The number of differentially expressed transcripts in the PBC in the present study was lower than previously observed in patients with early diffuse disease with severe internal organ involvement in the SCOT study . However, we and others have observed similar number of differentially expressed genes in SSc PBCs in more representative patient samples [43, 44]. In order to account for the fact that the SSc gene expression profile in skin is more distinct than in PBCs in comparison to healthy controls, we complemented the comparison of differentially expressed transcripts/proteins across the three tissue types by assessment of networks of connected proteins (WAPs) and global concordance analysis of between sample similarities.
In relation to SSc pathophysiology, consistently with previously published data [43,44,45,46,47,48,49], interferon response pathways were among the top upregulated pathways in both SSc PBC and skin transcriptome in the present study.
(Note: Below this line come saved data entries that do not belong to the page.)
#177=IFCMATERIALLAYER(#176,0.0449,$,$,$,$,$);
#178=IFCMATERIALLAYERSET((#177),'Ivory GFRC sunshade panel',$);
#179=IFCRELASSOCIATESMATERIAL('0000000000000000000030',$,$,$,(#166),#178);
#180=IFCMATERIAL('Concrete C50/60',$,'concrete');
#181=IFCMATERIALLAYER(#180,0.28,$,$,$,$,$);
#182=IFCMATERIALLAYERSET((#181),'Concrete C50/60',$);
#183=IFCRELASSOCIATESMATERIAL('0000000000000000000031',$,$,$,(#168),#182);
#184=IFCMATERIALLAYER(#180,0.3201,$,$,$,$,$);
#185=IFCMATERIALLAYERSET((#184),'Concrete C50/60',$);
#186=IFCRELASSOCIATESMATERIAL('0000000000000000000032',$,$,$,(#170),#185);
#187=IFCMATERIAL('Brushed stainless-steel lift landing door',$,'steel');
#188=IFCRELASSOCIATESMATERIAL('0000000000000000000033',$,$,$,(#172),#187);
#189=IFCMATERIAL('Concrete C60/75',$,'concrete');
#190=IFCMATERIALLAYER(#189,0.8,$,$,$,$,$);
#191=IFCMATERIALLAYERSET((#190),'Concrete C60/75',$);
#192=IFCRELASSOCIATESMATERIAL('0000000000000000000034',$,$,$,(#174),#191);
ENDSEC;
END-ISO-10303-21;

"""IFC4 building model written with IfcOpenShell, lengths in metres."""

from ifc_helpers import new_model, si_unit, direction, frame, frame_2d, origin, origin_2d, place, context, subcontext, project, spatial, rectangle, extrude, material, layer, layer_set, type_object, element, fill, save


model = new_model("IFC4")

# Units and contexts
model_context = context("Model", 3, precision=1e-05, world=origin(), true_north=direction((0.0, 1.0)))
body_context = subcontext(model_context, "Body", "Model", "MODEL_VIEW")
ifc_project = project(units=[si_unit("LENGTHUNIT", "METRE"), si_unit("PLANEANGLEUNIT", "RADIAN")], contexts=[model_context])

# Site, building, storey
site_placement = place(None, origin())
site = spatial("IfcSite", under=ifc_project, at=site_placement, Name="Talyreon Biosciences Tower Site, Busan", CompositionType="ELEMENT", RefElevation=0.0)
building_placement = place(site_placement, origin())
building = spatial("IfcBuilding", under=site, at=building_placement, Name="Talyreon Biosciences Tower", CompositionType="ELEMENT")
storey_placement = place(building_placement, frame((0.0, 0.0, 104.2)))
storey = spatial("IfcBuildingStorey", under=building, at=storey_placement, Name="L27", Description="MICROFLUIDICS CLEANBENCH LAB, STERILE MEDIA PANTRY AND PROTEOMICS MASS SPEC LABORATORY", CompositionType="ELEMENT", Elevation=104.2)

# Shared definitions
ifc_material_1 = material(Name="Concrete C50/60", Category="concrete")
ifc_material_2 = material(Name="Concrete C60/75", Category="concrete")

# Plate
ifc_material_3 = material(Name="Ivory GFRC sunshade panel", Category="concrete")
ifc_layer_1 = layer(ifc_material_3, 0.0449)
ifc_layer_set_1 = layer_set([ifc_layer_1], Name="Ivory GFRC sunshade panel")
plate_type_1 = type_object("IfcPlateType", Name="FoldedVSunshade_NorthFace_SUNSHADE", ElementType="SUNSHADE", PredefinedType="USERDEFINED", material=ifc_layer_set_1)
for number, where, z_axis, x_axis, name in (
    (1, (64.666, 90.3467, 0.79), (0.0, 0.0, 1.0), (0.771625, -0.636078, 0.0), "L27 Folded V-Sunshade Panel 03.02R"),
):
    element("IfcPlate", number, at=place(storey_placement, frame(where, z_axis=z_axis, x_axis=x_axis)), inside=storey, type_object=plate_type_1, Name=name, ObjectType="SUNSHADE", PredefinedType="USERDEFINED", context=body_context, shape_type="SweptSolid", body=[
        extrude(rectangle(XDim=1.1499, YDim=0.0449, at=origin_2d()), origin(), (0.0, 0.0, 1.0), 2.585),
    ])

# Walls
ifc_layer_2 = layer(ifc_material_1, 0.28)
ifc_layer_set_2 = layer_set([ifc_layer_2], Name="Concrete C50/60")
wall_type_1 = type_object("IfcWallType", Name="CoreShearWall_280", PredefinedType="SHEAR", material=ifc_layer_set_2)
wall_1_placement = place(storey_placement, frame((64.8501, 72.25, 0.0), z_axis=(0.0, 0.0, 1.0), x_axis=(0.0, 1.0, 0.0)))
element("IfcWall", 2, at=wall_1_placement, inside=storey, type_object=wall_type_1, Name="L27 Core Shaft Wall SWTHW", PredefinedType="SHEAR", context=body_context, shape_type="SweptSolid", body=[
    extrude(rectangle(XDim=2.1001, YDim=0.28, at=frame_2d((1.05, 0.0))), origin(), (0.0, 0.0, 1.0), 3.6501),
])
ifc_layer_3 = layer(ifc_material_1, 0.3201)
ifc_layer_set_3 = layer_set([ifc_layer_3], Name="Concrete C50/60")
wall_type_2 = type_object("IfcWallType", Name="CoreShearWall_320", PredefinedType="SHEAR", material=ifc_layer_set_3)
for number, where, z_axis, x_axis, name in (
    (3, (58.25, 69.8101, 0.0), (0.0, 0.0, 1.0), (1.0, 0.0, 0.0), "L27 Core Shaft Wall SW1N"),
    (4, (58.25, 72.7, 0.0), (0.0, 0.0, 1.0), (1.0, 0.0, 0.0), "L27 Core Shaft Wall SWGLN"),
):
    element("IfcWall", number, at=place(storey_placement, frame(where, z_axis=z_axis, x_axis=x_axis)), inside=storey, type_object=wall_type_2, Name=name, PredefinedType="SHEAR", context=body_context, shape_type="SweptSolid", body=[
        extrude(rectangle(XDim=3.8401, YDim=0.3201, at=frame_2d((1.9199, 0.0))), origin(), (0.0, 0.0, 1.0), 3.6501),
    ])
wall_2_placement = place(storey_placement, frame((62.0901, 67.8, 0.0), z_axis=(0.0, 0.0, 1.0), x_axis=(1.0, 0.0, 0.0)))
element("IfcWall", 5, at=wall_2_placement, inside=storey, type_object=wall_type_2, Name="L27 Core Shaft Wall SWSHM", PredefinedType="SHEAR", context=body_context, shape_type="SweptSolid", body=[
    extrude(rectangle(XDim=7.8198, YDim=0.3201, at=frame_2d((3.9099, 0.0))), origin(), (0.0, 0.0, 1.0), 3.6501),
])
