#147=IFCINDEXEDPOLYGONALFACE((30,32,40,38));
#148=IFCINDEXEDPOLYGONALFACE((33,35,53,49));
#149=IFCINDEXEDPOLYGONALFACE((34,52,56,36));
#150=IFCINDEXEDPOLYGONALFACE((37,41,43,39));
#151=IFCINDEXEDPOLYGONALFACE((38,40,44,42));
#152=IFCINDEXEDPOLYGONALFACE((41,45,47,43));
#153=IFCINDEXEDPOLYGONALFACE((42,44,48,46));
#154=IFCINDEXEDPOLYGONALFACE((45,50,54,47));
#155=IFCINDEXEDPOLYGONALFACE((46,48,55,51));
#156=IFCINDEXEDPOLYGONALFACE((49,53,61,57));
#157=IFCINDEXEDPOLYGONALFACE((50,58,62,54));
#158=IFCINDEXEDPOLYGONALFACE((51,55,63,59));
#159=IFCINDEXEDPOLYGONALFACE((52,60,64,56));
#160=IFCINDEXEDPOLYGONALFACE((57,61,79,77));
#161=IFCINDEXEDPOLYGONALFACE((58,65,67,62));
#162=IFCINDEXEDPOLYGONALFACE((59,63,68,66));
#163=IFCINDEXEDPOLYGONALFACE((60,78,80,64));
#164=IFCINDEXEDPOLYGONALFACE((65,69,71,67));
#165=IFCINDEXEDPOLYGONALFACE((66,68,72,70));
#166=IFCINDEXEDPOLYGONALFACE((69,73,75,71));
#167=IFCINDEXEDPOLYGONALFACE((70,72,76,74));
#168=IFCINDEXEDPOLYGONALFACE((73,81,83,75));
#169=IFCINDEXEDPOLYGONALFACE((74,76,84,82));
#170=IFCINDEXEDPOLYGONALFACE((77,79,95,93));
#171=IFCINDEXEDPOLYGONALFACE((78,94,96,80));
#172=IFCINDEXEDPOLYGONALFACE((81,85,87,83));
Notably, several prominent IFN inducible genes (IFI27, MX1, OAS2, and HERC5) were among a limited number of transcripts whose expression in the PBC transcriptome directly correlated with their expression in the skin tissue, indicating that there is a biological link between the IFN signature in the PBCs and disease affected tissue in SSc. This finding is consistent with the previously reported strong correlation of the IFN gene expression signature in PBCs and disease affected tissue in systemic lupus erythematosus (skin), dermatomyositis (muscle), and SSc (skin) .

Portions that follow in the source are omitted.